DeLay was selling influence and rigging gerrymanders for hundreds of thousands in exchange for millions of government money. Being good at corruption is not good, by the way.
If DeLay had not been doing anything wrong, he would not have left in disgrace. The evidence is as clear as it can get.
Apparently not.
No Charges Against DeLay in Abramoff Inquiry
By CHARLIE SAVAGE
WASHINGTON - Tom DeLay, a Texas Republican and former House majority leader who resigned from Congress in June 2006 in a spectacular fall from political power, will not face federal corruption charges over his dealings with the disgraced lobbyist Jack Abramoff.
After a six-year investigation, the Justice Department's public integrity section has informed Mr. DeLay that it was closing its file on his involvement in the Abramoff affair without an indictment, Mr.

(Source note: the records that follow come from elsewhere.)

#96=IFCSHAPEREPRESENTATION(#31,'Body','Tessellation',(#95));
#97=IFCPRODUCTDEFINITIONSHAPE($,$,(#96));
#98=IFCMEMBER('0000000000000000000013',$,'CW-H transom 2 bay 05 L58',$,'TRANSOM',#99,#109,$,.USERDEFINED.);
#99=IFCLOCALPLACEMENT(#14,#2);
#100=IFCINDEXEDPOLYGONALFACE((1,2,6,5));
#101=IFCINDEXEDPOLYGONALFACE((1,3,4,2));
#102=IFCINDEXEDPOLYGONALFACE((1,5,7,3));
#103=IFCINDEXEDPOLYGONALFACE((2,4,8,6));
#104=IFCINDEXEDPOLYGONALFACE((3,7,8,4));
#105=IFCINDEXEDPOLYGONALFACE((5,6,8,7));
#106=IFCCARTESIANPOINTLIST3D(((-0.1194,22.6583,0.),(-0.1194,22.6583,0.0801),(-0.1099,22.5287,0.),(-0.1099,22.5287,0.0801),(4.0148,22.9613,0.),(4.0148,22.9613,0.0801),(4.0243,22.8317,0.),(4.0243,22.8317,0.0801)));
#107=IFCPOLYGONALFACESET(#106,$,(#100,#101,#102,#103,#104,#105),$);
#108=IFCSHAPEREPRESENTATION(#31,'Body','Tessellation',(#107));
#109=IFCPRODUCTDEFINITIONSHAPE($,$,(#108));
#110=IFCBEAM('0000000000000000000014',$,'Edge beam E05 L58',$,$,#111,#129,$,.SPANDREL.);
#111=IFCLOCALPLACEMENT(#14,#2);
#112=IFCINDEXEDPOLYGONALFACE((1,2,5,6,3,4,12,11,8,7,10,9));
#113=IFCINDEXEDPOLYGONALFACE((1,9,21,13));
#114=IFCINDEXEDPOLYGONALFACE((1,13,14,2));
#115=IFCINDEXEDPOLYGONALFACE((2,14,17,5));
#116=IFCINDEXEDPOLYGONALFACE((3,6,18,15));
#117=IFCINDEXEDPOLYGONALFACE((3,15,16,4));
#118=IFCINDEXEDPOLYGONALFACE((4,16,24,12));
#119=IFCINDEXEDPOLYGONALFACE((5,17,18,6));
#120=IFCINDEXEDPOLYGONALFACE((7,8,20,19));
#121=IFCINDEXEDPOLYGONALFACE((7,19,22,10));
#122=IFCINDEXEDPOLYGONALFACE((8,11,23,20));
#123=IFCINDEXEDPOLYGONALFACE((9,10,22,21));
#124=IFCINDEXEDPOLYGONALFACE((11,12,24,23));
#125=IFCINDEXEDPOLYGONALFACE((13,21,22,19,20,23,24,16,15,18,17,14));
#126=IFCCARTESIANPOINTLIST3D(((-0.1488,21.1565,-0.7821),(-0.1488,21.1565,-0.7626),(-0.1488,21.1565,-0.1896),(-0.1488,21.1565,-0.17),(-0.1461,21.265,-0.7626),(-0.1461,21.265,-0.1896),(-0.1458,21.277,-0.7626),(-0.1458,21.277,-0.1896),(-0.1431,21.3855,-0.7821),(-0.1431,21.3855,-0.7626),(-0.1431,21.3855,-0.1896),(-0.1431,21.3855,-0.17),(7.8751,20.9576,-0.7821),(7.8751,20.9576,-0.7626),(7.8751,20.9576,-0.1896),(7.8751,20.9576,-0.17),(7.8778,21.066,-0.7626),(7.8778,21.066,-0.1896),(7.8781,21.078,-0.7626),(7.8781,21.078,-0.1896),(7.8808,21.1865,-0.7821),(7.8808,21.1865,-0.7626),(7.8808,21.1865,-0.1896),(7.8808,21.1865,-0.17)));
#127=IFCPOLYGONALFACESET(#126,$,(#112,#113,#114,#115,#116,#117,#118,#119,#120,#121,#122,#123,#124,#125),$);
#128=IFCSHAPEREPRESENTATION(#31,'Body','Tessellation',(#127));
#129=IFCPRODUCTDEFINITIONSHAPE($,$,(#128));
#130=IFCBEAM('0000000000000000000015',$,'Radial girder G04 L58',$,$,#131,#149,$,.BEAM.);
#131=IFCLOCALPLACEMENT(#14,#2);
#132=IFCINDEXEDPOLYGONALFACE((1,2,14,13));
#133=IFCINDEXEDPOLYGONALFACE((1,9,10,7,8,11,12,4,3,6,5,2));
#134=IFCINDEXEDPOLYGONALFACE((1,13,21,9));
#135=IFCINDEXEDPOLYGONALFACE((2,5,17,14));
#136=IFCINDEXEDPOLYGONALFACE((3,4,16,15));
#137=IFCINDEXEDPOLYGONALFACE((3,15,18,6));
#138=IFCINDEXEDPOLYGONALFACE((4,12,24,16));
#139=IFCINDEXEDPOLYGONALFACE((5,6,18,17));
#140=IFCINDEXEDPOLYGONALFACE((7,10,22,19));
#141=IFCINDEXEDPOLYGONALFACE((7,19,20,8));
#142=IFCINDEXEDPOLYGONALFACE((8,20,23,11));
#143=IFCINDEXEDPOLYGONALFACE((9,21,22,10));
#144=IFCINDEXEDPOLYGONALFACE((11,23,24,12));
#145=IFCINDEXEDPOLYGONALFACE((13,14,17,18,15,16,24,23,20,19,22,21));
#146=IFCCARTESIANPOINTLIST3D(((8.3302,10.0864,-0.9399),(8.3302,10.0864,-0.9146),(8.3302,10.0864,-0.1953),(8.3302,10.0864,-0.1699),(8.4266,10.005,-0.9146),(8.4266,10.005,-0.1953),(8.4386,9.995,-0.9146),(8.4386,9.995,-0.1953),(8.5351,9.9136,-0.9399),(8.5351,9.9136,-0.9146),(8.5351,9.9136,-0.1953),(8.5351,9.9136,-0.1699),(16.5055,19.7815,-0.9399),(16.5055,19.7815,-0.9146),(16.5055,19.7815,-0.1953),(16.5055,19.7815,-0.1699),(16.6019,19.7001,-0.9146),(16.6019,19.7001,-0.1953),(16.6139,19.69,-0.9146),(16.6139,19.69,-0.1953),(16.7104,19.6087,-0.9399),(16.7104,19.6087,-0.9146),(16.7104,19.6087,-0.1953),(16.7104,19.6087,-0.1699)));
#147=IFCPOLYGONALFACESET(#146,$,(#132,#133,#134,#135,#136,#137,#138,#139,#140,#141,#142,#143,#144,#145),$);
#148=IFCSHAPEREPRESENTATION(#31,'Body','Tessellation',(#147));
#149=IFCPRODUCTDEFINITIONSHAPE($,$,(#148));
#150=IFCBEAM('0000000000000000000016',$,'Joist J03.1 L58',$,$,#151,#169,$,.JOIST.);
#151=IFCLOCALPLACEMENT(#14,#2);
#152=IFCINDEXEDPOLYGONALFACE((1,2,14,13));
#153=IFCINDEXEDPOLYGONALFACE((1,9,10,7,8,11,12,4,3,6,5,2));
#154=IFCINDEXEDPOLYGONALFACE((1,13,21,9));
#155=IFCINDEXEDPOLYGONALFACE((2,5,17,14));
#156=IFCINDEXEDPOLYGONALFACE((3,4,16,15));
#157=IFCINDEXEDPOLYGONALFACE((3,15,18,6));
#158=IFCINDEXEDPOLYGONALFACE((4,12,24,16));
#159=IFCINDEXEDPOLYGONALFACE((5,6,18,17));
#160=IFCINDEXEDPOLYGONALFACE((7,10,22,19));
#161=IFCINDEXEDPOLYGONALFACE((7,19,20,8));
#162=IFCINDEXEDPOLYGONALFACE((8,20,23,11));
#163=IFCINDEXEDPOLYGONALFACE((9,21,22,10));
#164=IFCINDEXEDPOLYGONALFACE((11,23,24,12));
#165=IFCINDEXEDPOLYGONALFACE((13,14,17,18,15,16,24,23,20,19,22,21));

DeLay and his lawyer, Richard Cullen, announced Monday.
"This is a great day for me and my family," Mr. DeLay told reporters in a conference call.
Mr. DeLay's legal troubles are not yet over. He still faces a trial in Texas on unrelated state charges of money laundering and conspiracy in connection with campaign donations during the 2002 election. A trial on those charges, for which he was indicted in 2005, was delayed for years because of an appeal by co-defendants, but a hearing on pretrial motions is scheduled for next week.
Mr. DeLay predicted Monday that he would be exonerated on those charges as well, while saying that he was always confident that he would be found not guilty of any wrongdoing in his dealings with Mr. Abramoff. Mr. DeLay noted that while he could have thrown up roadblocks to the federal investigation, he had instead turned over his e-mail and computer files and instructed aides to cooperate fully.
The scandal, which helped Democrats win majorities in Congress in the 2006 election, led to convictions or guilty pleas by two of Mr. DeLay's former aides; former Representative Bob Ney, Republican of Ohio; two former White House officials; Mr. Abramoff himself; and several other former Congressional aides and lobbyists. Mr. Abramoff was released from prison in June.
It involved a sprawling series of accusations that officials accepted gifts, trips and campaign donations while doing favors for Mr. Abramoff's clients, which included gambling interests like Indian tribal and online casinos and the Northern Mariana Islands, a United States commonwealth that was seeking to preserve its exemption from a minimum wage.
Mr. DeLay took several trips arranged by Mr. Abramoff, who also helped raise money for his political campaigns and a charity Mr. DeLay runs for foster children. A firm with financial ties to Mr. Abramoff established a retirement account for Mr. DeLay's wife, and she and their daughter also received payments for consulting work on Mr. Delay's campaigns.
Melanie Sloan, the executive director of Citizens for Responsibility and Ethics in Washington, a government watchdog group, sharply criticized the Justice Department's decision to close the investigation into Mr. DeLay's role without charges.
"It's a sad day for America when one of the most corrupt members to ever walk the halls of Congress gets a free pass," Ms. Sloan said. "The Justice Department's decision not to prosecute Mr. DeLay for his actions sends exactly the wrong message to current and future members."
But Mr. DeLay said that he had done nothing wrong and that his political enemies had spent more than a decade coming up with "frivolous" ethics charges against him. He denounced the "criminalization of politics and the politics of personal destruction" that he contended his case exemplified.
"The new politics - it's no longer good enough to beat you on policy," he said. "They have to completely drown you and put you in prison and destroy your family and your reputation and finances, then dance on your grave."
The Justice Department has a policy of not discussing or confirming investigations that end without charges, and a spokeswoman declined to comment.
Mr. Cullen said prosecutors had periodically contacted him to ask questions over the years, but had never requested an interview with Mr. DeLay himself.
Mr. DeLay said he had no regrets over his dealings with Mr. Abramoff, saying he had never done anything "untoward or unprofessional" for him. Mr. DeLay defended the trips, saying it was good to find ways to avoid having taxpayers pay for his travel, and also defended the merits of the policy positions he took that dovetailed with the interests of Mr. Abramoff's clients.
"The thing that bothers me the most, I think, is not that people think I'm corrupt," Mr. DeLay said. "It's that they think I'm stupid. I knew the Democrats were going to come after me - they announced they were going to come after me. So I wouldn't even go to the restroom without a lawyer saying I could. Everything was absolutely above-board, transparent, within the House rules, and I have been found guilty of nothing."